On price, the analysis is familiar, but no less important. In many areas — particularly live programming — content remains scarce. Rights to certain events are limited and highly valued, and competition among distributors to secure those rights is intense. That competition can drive prices higher, but the key antitrust question is whether the process by which those prices are set remains competitive. Are multiple parties able to bid? Are there constraints that limit participation or distort outcomes? The goal is not to regulate prices, but to ensure that they are the product of a competitive process.
For broadcast television, these dynamics are not abstract. Broadcast continues to play a vital role in local markets, in live programming, and in reaching broad audiences. It operates at the intersection of content and distribution, participating in both upstream and downstream markets. That position creates both opportunity and complexity. Broadcast companies are competing in a world with more distribution options than ever before, but they are also interacting with counterparties that may have significant scale or integration across the value chain.
From an antitrust perspective, that means approaching these markets with nuance. Broadcast is neither insulated from competition nor irrelevant to it. Broadcast remains an important part of the media ecosystem, and transactions or conduct affecting broadcast markets can have meaningful competitive implications. At the same time, the broader context in which broadcast operates must inform how those implications are assessed.

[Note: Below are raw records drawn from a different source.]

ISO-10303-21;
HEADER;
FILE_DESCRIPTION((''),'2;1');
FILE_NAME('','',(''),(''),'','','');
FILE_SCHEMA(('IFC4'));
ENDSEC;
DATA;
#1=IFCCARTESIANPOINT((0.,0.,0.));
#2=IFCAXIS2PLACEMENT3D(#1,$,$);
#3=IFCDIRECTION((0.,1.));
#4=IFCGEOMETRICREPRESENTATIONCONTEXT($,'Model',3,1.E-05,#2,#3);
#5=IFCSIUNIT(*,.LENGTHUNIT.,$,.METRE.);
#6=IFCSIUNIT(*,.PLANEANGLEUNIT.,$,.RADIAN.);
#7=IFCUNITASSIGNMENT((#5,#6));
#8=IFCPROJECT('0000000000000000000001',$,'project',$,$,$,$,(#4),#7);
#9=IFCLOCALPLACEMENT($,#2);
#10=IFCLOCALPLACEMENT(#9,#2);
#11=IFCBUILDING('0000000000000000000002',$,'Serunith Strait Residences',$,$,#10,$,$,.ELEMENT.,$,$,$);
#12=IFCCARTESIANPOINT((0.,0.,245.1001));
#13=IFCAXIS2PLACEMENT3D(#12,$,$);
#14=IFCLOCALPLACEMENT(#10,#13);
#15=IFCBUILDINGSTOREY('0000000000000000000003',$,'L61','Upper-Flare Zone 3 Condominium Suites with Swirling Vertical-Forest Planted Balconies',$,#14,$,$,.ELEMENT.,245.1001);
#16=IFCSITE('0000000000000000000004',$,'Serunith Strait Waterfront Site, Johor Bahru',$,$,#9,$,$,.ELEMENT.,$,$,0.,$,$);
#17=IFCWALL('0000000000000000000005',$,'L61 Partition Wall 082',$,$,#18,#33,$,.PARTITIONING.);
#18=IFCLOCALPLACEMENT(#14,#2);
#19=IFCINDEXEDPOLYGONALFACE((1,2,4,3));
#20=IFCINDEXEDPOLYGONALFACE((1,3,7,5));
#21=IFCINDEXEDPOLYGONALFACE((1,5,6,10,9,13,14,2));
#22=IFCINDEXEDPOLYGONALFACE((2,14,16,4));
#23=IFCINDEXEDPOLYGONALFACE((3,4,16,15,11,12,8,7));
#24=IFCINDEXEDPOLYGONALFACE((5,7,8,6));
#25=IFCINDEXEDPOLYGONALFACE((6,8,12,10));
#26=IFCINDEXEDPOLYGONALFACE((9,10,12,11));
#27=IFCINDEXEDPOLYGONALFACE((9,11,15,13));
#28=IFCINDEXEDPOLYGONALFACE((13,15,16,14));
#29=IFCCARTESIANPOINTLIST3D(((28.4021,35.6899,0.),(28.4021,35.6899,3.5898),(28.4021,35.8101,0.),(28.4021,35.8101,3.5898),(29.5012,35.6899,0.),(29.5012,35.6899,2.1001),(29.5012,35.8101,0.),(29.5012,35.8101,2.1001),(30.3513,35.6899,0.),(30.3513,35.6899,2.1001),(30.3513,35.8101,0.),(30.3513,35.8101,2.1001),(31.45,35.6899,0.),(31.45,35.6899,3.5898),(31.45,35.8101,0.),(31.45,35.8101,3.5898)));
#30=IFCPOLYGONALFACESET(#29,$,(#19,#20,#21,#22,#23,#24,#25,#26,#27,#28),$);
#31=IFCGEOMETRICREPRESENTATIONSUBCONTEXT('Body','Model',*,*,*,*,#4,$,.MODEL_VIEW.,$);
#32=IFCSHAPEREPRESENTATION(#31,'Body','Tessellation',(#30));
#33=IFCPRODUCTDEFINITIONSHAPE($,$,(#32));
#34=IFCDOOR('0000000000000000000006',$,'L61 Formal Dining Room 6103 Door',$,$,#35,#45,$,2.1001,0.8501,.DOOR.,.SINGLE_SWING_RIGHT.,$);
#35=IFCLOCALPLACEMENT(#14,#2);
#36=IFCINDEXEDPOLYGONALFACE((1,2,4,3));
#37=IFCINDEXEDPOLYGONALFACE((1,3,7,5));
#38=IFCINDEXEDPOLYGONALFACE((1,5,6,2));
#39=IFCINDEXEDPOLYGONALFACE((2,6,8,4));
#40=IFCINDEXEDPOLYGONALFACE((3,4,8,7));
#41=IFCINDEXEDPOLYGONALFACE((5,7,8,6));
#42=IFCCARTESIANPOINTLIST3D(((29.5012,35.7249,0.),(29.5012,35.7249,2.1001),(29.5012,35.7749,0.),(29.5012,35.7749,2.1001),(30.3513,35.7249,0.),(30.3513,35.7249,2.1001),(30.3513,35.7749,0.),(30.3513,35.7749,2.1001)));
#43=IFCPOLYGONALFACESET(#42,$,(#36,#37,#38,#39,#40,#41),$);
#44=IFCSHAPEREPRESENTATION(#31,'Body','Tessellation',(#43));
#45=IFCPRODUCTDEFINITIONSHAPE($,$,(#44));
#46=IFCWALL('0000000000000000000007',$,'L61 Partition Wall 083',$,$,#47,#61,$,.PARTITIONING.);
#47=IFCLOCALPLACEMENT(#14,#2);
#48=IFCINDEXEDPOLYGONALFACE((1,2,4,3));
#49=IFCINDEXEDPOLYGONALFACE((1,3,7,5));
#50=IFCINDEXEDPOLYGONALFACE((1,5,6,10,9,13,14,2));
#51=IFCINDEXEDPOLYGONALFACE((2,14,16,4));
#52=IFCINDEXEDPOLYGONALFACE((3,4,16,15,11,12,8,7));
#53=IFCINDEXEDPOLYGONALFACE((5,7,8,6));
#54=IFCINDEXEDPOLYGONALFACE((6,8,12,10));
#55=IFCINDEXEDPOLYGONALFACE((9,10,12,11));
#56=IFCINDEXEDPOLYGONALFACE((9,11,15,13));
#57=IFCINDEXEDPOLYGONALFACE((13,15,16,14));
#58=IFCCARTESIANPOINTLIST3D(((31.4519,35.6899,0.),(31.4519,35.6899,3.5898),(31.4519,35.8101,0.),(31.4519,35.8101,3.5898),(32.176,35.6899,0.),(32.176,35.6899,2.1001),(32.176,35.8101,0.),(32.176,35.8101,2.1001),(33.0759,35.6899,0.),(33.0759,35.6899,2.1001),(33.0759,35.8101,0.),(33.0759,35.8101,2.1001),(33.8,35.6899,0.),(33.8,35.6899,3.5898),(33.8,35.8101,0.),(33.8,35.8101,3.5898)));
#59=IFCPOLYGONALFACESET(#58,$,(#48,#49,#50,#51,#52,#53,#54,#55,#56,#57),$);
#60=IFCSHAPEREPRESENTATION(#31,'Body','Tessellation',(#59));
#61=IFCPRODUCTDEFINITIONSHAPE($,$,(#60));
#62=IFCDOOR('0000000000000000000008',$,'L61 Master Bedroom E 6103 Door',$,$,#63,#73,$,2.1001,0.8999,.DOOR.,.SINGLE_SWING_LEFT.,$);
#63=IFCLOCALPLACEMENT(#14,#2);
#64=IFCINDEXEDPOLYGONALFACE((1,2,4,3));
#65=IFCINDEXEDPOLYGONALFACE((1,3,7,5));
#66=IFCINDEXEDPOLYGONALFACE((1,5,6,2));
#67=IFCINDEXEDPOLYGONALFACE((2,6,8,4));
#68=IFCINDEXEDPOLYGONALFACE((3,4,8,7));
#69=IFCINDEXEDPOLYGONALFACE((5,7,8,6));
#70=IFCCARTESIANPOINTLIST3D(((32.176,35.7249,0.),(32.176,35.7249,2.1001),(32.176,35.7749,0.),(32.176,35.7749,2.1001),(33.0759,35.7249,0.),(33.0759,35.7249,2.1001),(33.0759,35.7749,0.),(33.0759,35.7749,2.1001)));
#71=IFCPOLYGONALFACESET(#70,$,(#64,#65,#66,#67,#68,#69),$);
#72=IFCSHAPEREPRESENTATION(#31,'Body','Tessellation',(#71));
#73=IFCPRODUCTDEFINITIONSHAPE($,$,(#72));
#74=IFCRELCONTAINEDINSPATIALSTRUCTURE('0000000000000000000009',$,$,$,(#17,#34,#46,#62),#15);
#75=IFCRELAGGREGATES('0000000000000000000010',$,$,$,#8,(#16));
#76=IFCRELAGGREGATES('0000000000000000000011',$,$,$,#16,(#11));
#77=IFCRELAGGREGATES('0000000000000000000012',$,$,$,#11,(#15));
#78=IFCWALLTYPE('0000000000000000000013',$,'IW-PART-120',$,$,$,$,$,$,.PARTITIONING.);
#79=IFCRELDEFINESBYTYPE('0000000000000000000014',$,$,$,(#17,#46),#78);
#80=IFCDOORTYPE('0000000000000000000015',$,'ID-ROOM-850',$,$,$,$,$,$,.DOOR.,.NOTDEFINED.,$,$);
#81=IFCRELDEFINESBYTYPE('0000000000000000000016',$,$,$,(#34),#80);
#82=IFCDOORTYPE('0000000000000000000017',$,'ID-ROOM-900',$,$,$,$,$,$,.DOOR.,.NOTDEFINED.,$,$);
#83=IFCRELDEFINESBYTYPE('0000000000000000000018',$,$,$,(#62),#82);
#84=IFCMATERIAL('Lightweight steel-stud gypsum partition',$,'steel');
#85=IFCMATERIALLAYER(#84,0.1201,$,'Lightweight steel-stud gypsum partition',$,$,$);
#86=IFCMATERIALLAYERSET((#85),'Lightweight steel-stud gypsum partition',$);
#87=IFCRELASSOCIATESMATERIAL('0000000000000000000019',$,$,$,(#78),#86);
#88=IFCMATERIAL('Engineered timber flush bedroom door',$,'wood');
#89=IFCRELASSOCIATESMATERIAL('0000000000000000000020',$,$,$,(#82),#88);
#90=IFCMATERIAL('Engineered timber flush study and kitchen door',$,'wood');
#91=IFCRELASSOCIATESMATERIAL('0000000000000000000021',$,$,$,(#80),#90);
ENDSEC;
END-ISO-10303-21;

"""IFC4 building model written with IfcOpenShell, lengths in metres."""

from ifc_helpers import new_model, si_unit, direction, frame, frame_2d, origin, place, context, subcontext, project, spatial, rectangle, extrude, source, transform, mapped, material, layer, layer_set, type_object, element, fill, save


model = new_model("IFC4")

# Units and contexts
model_context = context("Model", 3, precision=1e-05, world=origin(), true_north=direction((0.0, 1.0)))
body_context = subcontext(model_context, "Body", "Model", "MODEL_VIEW")
ifc_project = project(units=[si_unit("LENGTHUNIT", "METRE"), si_unit("PLANEANGLEUNIT", "RADIAN")], contexts=[model_context])

# Site, building, storey
site_placement = place(None, origin())
site = spatial("IfcSite", under=ifc_project, at=site_placement, Name="Serunith Strait Waterfront Site, Johor Bahru", CompositionType="ELEMENT", RefElevation=0.0)
building_placement = place(site_placement, origin())
building = spatial("IfcBuilding", under=site, at=building_placement, Name="Serunith Strait Residences", CompositionType="ELEMENT")
storey_placement = place(building_placement, frame((0.0, 0.0, 245.1001)))
storey = spatial("IfcBuildingStorey", under=building, at=storey_placement, Name="L61", Description="Upper-Flare Zone 3 Condominium Suites with Swirling Vertical-Forest Planted Balconies", CompositionType="ELEMENT", Elevation=245.1001)

# Shared definitions
ifc_material_1 = material(Name="Lightweight steel-stud gypsum partition", Category="steel")
ifc_layer_1 = layer(ifc_material_1, 0.1201, Name="Lightweight steel-stud gypsum partition")
ifc_layer_set_1 = layer_set([ifc_layer_1], Name="Lightweight steel-stud gypsum partition")
wall_type = type_object("IfcWallType", Name="IW-PART-120", PredefinedType="PARTITIONING", material=ifc_layer_set_1)

# Shared definitions
ifc_material_2 = material(Name="Engineered timber flush bedroom door", Category="wood")
door_type_1 = type_object("IfcDoorType", Name="ID-ROOM-900", OperationType="NOTDEFINED", PredefinedType="DOOR", material=ifc_material_2)
shared_shape_1 = source(origin(), body_context, "Body", "SweptSolid", [
    extrude(rectangle(XDim=0.8999, YDim=2.1001, at=frame_2d((0.45, 1.05))), frame((0.0, 0.0249, 0.0), z_axis=(0.0, -1.0, 0.0), x_axis=(1.0, 0.0, 0.0)), (0.0, 0.0, 1.0), 0.05),
])

# Walls, openings, doors
ifc_material_3 = material(Name="Engineered timber flush study and kitchen door", Category="wood")
door_type_2 = type_object("IfcDoorType", Name="ID-ROOM-850", OperationType="NOTDEFINED", PredefinedType="DOOR", material=ifc_material_3)
shared_shape_2 = source(origin(), body_context, "Body", "SweptSolid", [
    extrude(rectangle(XDim=0.8501, YDim=2.1001, at=frame_2d((0.425, 1.05))), frame((0.0, 0.0249, 0.0), z_axis=(0.0, -1.0, 0.0), x_axis=(1.0, 0.0, 0.0)), (0.0, 0.0, 1.0), 0.05),
])
wall_1_placement = place(storey_placement, frame((28.4021, 35.75, 0.0), z_axis=(0.0, 0.0, 1.0), x_axis=(1.0, 0.0, 0.0)))
wall_1 = element("IfcWall", 1, at=wall_1_placement, inside=storey, type_object=wall_type, Name="L61 Partition Wall 082", PredefinedType="PARTITIONING", context=body_context, shape_type="SweptSolid", body=[
    extrude(rectangle(XDim=3.0479, YDim=0.1201, at=frame_2d((1.5239, 0.0))), origin(), (0.0, 0.0, 1.0), 3.5898),
])
opening_1_placement = place(wall_1_placement, frame((1.0991, 0.0, 0.0)))
opening_1 = element("IfcOpeningElement", 2, at=opening_1_placement, cuts=wall_1, PredefinedType="OPENING", context=body_context, shape_type="SweptSolid", body=[
    extrude(rectangle(XDim=0.8501, YDim=2.1001, at=frame_2d((0.425, 1.05))), frame((0.0, 0.0701, 0.0), z_axis=(0.0, -1.0, 0.0), x_axis=(1.0, 0.0, 0.0)), (0.0, 0.0, 1.0), 0.1401),
])
door_1_placement = place(opening_1_placement, origin())
door_1 = element("IfcDoor", 3, at=door_1_placement, inside=storey, type_object=door_type_2, Name="L61 Formal Dining Room 6103 Door", OperationType="SINGLE_SWING_RIGHT", OverallHeight=2.1001, OverallWidth=0.8501, PredefinedType="DOOR", context=body_context, shape_type="MappedRepresentation", body=[
    mapped(shared_shape_2, transform((0.0, 0.0, 0.0), scale=1.0)),
])
fill(opening_1, door_1)
wall_2_placement = place(storey_placement, frame((31.4519, 35.75, 0.0), z_axis=(0.0, 0.0, 1.0), x_axis=(1.0, 0.0, 0.0)))
wall_2 = element("IfcWall", 4, at=wall_2_placement, inside=storey, type_object=wall_type, Name="L61 Partition Wall 083", PredefinedType="PARTITIONING", context=body_context, shape_type="SweptSolid", body=[
    extrude(rectangle(XDim=2.3481, YDim=0.1201, at=frame_2d((1.1741, 0.0))), origin(), (0.0, 0.0, 1.0), 3.5898),
])
opening_2_placement = place(wall_2_placement, frame((0.7241, 0.0, 0.0)))
opening_2 = element("IfcOpeningElement", 5, at=opening_2_placement, cuts=wall_2, PredefinedType="OPENING", context=body_context, shape_type="SweptSolid", body=[
    extrude(rectangle(XDim=0.8999, YDim=2.1001, at=frame_2d((0.45, 1.05))), frame((0.0, 0.0701, 0.0), z_axis=(0.0, -1.0, 0.0), x_axis=(1.0, 0.0, 0.0)), (0.0, 0.0, 1.0), 0.1401),
])
door_2_placement = place(opening_2_placement, origin())
door_2 = element("IfcDoor", 6, at=door_2_placement, inside=storey, type_object=door_type_1, Name="L61 Master Bedroom E 6103 Door", OperationType="SINGLE_SWING_LEFT", OverallHeight=2.1001, OverallWidth=0.8999, PredefinedType="DOOR", context=body_context, shape_type="MappedRepresentation", body=[
    mapped(shared_shape_1, transform((0.0, 0.0, 0.0), scale=1.0)),
])
fill(opening_2, door_2)

save(model, "model.ifc")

Let me close with a final thought. In a high profile industry like media, there is always a temptation to react — to focus on the most immediate concern or the most vocal complaint. But effective antitrust enforcement cannot be driven by shiny objects or loud voices. It has to be grounded in the law, in evidence, and in a clear understanding of how markets are actually working. Antitrust enforcement must consider how transactions and conduct will impact future incentives and constraints on the human ingenuity to bring new and better products to market.
These factors require DOJ to focus on the issues that matter most for competition, rather than trying to address every concern, particularly when other enforcers and regulators have authority and resources to address more local or industry-specific concerns. It requires engaging with new technologies and market realities without losing analytical rigor. And it requires a measure of humility — recognizing that markets change, that our understanding evolves, and that getting it right matters more than acting quickly or satisfying the loudest voices today.
The DOJ’s federal antitrust enforcement objective is not to preserve any particular model of media or to favor one set of participants over another. It is to ensure that as this industry continues to evolve, it does so in a way that preserves competition — so that innovation continues, consumers benefit, and the institutions represented in this room can adapt and thrive.
As my boss says: “It’s not personal. It’s strictly business.” Thank you.
[1] The Godfather Part II (Paramount Pictures 1974).
[2] Murphy v. NCAA, 584 U.S. 453 (2018).
[3] As more states legalise gambling, what next for Las Vegas?, The Economist (Apr. 6, 2026), https://www.economist.com/united-states/2026/04/06/as-more-states-legalise-gambling-what-next-for-las-vegas.
[4] U.S. Const. amend X.
[5] See Augustine, Confessions, bk. 1 (Maria Boulding trans., New City Press 1997) (“You have made us and drawn us to Yourself, and our heart is unquiet until it rests in You.”).